Trichinopus flavipennis

Scientific classification
- Kingdom: Animalia
- Phylum: Arthropoda
- Class: Insecta
- Order: Coleoptera
- Suborder: Polyphaga
- Infraorder: Scarabaeiformia
- Family: Scarabaeidae
- Genus: Trichinopus
- Species: T. flavipennis
- Binomial name: Trichinopus flavipennis Waterhouse, 1875

= Trichinopus flavipennis =

- Genus: Trichinopus
- Species: flavipennis
- Authority: Waterhouse, 1875

Species of beetle

Trichinopus flavipennis is a species of beetle of the family Scarabaeidae. It is found in Botswana and Namibia.

== Description ==
Adults reach a length of about 9.5 mm. The head is black, while the clypeus, pronotum and legs are reddish, and the antennae and underside flavescent and the elytra pale straw-coloured. The pronotum has somewhat scattered punctures bearing each a very long erect hair equal in
length to those forming a dense fringe along the outer margins, the punctures are a little more closely set on each side of the median part of the disk, which has, however, an impunctate longitudinal band, the basal part is sinuate and has a somewhat deep impression in the centre of the sinuation.
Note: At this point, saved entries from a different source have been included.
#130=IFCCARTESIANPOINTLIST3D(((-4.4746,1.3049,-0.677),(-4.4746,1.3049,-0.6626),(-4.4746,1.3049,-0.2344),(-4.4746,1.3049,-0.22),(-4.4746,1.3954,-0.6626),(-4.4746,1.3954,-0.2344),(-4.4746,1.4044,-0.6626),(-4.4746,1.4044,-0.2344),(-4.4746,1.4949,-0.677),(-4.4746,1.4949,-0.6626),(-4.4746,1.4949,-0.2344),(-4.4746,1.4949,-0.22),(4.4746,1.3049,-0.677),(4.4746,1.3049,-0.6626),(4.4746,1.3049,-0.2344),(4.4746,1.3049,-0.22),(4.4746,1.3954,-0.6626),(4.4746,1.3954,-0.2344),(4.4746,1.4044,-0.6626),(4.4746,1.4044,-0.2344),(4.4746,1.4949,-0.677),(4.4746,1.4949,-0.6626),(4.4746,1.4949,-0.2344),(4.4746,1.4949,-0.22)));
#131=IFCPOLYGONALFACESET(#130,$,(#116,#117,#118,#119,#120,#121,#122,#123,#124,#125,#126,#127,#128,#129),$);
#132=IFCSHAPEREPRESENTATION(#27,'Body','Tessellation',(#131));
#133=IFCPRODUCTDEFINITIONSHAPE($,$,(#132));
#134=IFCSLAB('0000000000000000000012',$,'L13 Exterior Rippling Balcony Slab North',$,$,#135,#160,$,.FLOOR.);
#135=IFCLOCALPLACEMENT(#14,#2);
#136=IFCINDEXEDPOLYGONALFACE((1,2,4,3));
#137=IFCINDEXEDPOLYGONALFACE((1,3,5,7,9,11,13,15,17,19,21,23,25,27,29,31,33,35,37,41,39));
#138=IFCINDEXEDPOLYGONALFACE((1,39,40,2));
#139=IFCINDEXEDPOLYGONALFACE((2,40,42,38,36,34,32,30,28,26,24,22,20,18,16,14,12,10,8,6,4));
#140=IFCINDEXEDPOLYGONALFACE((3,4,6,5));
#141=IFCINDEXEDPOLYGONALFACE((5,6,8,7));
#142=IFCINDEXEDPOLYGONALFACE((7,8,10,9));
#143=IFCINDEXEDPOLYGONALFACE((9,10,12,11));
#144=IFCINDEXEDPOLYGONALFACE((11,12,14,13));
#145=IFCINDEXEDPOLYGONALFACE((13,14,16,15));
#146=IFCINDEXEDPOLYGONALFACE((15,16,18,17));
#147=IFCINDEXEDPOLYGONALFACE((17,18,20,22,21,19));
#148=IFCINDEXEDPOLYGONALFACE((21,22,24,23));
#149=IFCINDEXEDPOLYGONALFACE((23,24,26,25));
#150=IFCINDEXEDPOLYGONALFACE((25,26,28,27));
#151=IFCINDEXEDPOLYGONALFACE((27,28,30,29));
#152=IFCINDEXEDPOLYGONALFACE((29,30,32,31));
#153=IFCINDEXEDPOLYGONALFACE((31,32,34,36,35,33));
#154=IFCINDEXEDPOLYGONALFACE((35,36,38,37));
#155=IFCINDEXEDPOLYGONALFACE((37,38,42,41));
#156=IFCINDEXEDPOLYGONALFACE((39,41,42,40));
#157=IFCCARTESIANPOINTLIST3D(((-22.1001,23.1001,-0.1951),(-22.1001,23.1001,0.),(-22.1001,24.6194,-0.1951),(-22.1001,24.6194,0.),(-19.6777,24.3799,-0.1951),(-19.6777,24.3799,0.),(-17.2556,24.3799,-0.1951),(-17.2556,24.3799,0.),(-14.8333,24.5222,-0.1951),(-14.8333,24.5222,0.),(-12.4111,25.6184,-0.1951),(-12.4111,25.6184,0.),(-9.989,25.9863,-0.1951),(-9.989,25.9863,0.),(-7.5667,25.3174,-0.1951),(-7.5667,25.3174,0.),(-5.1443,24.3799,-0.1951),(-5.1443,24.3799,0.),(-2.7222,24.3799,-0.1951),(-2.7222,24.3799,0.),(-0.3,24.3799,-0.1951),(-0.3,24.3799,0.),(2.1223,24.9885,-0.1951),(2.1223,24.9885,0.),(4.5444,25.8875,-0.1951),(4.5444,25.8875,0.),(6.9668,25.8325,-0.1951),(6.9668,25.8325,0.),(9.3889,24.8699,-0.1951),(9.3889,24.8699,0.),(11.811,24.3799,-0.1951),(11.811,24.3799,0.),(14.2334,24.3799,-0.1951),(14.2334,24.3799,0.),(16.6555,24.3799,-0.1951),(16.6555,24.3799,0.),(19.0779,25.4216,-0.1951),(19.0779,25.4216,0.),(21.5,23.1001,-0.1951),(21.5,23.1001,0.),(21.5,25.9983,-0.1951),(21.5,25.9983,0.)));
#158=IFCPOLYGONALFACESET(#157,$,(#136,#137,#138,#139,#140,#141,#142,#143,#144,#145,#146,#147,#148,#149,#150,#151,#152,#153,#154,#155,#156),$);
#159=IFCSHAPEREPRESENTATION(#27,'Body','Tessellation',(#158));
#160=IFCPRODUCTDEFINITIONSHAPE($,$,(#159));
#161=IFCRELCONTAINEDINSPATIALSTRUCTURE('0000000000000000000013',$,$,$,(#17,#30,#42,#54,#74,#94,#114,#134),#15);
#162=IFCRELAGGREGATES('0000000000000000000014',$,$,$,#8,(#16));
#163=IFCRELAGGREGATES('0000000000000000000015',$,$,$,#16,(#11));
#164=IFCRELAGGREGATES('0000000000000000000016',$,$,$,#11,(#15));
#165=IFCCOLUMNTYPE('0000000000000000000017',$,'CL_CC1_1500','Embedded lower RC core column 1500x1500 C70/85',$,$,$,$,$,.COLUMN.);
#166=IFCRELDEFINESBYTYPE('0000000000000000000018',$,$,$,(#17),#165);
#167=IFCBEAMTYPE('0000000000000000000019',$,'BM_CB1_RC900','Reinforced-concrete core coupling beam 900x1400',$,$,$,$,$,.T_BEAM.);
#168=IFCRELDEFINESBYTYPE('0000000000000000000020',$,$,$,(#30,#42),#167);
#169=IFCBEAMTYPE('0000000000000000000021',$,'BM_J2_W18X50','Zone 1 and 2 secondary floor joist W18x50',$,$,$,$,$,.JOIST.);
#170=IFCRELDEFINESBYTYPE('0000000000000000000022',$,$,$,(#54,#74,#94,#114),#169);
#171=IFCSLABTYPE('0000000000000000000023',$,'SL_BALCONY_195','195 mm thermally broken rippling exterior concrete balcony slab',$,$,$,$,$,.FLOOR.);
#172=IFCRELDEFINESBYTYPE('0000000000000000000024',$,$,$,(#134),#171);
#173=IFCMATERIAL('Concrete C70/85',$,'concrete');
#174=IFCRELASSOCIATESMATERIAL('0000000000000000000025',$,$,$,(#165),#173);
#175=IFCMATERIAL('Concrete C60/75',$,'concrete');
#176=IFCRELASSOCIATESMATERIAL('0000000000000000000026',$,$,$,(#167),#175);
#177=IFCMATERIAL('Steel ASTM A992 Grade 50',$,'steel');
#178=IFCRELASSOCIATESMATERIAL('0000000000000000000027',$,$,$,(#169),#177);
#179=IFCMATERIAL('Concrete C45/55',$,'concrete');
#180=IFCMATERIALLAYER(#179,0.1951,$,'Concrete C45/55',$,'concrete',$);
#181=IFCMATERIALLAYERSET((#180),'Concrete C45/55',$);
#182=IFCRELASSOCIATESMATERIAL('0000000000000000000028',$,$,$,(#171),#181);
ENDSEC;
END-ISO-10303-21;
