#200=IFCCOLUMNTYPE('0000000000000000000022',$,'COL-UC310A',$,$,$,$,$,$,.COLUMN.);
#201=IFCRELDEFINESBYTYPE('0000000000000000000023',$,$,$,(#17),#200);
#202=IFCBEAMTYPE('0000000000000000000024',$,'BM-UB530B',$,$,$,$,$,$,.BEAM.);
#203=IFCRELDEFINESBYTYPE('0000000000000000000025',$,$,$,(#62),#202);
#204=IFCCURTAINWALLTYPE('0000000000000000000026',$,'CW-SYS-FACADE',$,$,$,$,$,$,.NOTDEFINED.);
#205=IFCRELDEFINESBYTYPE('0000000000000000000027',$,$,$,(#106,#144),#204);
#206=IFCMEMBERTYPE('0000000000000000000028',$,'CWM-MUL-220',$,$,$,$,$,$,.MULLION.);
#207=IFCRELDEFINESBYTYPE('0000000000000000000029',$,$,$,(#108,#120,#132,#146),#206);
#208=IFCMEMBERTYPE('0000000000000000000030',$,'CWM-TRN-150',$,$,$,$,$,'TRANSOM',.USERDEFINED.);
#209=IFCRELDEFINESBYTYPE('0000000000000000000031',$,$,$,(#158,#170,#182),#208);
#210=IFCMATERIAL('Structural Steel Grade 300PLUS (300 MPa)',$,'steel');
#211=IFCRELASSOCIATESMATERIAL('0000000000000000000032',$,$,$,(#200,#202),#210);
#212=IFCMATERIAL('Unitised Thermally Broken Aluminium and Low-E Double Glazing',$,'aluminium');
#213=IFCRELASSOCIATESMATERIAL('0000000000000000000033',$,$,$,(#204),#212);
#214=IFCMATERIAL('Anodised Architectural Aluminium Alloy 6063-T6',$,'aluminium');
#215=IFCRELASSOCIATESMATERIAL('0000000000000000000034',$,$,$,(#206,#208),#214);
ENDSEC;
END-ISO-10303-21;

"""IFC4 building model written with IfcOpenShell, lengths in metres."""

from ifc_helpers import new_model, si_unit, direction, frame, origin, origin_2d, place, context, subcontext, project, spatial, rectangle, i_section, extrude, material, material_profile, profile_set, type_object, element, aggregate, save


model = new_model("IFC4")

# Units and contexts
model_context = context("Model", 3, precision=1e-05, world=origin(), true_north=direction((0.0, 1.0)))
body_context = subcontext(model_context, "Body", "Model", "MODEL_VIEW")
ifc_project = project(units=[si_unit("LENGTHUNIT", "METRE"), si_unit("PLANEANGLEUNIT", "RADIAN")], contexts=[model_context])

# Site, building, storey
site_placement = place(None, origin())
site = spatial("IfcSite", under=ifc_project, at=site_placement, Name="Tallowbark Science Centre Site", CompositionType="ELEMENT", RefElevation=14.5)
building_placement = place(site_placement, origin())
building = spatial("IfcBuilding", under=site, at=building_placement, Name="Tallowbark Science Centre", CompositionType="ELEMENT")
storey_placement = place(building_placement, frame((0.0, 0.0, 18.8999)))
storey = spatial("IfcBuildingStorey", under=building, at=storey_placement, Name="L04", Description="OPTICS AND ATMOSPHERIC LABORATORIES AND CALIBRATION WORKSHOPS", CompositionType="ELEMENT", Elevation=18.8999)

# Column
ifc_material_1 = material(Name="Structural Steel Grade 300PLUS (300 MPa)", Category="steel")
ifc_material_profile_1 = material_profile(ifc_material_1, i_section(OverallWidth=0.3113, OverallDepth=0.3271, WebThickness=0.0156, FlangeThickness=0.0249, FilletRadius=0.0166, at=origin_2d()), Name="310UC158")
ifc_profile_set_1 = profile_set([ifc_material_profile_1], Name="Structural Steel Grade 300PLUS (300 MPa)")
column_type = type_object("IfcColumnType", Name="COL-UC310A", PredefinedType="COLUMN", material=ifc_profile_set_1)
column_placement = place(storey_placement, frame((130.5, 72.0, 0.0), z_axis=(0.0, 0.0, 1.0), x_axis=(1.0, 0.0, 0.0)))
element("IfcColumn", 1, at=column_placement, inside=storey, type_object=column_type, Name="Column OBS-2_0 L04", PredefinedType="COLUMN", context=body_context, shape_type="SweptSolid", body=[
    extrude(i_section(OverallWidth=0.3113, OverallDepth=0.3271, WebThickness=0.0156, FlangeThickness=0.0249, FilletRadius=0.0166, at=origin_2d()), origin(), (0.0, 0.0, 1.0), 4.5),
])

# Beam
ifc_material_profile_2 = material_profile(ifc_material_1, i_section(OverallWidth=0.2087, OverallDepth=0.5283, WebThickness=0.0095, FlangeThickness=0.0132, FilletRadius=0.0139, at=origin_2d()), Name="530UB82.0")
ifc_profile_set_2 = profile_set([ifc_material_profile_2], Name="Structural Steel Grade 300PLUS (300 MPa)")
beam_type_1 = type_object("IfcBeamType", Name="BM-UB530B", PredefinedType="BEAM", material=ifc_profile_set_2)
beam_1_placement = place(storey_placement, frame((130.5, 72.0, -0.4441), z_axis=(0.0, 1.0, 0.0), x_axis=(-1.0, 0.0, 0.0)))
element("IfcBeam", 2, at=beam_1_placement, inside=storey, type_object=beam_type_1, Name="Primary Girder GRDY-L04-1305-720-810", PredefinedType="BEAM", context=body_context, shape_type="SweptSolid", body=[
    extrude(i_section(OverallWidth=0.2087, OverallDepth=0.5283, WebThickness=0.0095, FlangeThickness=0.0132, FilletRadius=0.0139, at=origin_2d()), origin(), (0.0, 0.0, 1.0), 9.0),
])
The scutellum is very densely hairy, the flavescent hairs appressed and the elytra are deeply and irregularly punctate, each puncture bearing an erect setulose hair, they are faintly bi-striate on the dorsal part in addition to the plain juxta-sutural stria, and the outer margins have a thick fringe of hairs as long as those on the pronotum, the pubescence on the pygidial part, the abdomen, the pectus, and the femora is also very long and not appressed.